Worship Guide for April 18, 2025
Good Friday
Like TV Guide, but from God! Find the text of the Prayers of the People and Sermon below. Use the buttons provided to find other worship materials.
To see the Worship Guide for other weeks, click here.
To see the Book of Common Prayer online, click here.
Prayers
Weekly Prayer List Recording:
Good Friday
April 18, 2025
Celebrant adds a concluding prayer.
Sermon Recording:
Good Friday Meditation
on
The Rose
The Rose – lyrics by Bette Midler
The Reverend Mark Sutherland
It’s so easy to stand and watch from a safe distance, comforted by an image of Jesus as the noble hero valiantly traveling the route God has set for him, seemingly heedless of the costs because, after all, he knows ahead of time how things will end. But we must go deeper than this if we are to move from spectators to participants in Jesus’ Passion.
Love hurts, and our hearts have an all too familiar affinity with suffering. Yet, if we dwell on our suffering, we are in danger of being little more than mere spectators of Jesus’ suffering on his way to the Cross.
It’s so easy to stand and watch from a safe distance, comforted by an image of Jesus as the noble hero valiantly traveling the route God has set for him, seemingly heedless of the costs because, after all, he knows ahead of time how things will end.
But we must go deeper than this if we are to move from spectators to participants in Jesus’ Passion. You see, if we are to be participants, then Jesus must be more like us than not. We are not noble heroes passing through the drama of our lives unscathed with complete foreknowledge. And so, if he is to be more like us, then neither is Jesus.
He treads his path, a path he chooses to accept – and like us, he knows little more than what is revealed as he takes each step, putting one foot in front of the other, one breath at a time. Jesus is no noble victim sacrificing his life for the sins of the world. If we just stop there, no matter how thankful we might feel, we fail to see that the way of the Cross is God’s invitation to become transformed not by suffering, but by the power of love. For Jesus’ chooses the way of love.
Some say love it is a river that drowns the tender reed, some say love it is a razor that leaves your soul to bleed, some say love it is a hunger an endless aching need. I say love, it is a flower, and you its only seed. ….
The Rose Verse 2
The Way of the Cross requires us nothing short of a transformation in our whole (moral, emotional, and spiritual) way of being. In Jesus, God’s hands get dirty as Jesus takes the initiative and leads us through example. Our acceptance, our entry into the way of love, involves risking as Jesus risked. Risk is the raw material for transformation for
It’s the heart afraid of breaking, that never learns to dance
It’s the dream afraid of waking, that never takes the chance
It’s the one who won’t be taking, who cannot seem to give
And the soul afraid of dying, that never learns to live …

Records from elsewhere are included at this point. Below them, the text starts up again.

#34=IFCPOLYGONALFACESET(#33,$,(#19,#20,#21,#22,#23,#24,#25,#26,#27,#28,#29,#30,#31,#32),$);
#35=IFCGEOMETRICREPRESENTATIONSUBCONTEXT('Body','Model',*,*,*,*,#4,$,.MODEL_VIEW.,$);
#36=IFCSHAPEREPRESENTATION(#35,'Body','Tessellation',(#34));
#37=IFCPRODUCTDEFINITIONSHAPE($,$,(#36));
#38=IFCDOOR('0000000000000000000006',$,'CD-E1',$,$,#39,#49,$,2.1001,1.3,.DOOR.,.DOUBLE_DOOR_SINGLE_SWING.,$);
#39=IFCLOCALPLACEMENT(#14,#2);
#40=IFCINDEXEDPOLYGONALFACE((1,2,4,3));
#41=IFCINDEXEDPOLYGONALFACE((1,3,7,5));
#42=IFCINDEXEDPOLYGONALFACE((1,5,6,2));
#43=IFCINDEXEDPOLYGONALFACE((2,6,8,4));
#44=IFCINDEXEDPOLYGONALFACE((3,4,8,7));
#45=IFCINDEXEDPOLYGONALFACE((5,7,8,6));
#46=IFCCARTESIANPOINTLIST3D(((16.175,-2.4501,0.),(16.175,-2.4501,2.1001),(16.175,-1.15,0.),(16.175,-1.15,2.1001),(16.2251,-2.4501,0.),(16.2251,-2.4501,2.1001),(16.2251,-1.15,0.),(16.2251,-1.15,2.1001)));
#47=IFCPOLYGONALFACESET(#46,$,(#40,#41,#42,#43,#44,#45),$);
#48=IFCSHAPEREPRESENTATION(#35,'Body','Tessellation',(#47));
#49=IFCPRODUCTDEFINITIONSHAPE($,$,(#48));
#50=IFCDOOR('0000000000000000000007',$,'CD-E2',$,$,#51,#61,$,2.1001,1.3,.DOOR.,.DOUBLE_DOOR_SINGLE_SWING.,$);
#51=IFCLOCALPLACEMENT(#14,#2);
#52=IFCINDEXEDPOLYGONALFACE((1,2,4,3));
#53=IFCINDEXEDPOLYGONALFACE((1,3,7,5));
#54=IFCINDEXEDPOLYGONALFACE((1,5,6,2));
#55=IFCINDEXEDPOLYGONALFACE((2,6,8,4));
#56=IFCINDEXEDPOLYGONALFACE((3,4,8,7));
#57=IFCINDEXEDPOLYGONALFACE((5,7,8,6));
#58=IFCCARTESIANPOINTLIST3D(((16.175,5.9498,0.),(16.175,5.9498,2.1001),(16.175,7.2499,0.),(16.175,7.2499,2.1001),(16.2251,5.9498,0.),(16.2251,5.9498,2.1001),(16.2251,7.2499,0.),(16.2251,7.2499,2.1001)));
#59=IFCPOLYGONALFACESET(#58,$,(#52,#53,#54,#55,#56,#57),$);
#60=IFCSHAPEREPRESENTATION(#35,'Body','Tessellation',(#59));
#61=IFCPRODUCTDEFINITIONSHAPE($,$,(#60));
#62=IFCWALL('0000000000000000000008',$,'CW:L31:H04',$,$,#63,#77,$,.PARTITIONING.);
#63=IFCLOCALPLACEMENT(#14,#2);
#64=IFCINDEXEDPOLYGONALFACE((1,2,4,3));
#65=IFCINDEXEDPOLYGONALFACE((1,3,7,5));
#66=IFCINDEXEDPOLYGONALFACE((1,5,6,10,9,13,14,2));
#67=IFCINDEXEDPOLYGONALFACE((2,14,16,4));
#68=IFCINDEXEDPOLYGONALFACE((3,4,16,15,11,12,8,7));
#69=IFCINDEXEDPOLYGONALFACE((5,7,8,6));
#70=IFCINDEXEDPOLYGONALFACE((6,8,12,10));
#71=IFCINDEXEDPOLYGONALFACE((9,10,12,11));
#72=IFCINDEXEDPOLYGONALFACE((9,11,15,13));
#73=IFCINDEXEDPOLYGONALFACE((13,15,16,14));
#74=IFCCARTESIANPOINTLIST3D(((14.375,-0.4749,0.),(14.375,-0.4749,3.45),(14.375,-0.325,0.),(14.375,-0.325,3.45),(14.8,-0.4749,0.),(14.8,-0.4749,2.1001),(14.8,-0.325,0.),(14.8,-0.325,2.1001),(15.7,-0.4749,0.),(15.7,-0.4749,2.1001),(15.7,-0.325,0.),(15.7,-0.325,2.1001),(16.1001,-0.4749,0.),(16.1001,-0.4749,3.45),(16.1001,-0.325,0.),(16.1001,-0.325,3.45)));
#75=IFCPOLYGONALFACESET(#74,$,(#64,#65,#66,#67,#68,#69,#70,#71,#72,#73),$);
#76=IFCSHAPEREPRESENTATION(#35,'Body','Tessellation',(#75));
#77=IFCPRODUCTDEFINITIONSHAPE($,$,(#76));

Entering into the way of love leads us to challenge the status quo – taking risks and stepping out in faith rather than holding back in fear. As a community, it means uncovering and challenging the cosmic forces of dehumanization woven into the very DNA of our culture and its collective memory. In our confrontation with the forces of power and privilege that stand in opposition to the expectations of the Kingdom of God, we may often fail, but we cannot be defeated. Failure is a temporary setback, not an ultimate defeat of God’s purposes for us in the unfolding repair of the world.
Entering upon the way of love – above all else means accepting an invitation to become transformed into a new way of being, one step at a time – a transformation from timid and grateful children into collaborators with God in the vision of putting the world to rights.
From mere spectators to active participants with Jesus on the way to the cross is a movement through belonging into believing, a risking that moves us from fear into loving and trusting being loved.
This is not a hero’s path. Jesus shows us that it is a very human path. On Good Friday, God shows us the way of love, motivated not by an abhorrence of sin but by what is for God—the impossibility for God of not loving enough.
When the night has been too lonely and the road has been too long
And you think that love is only for the lucky and the strong
Just remember in the winter, far beneath the bitter snows
Lies the seed, that with the sun’s love in the spring becomes the rose.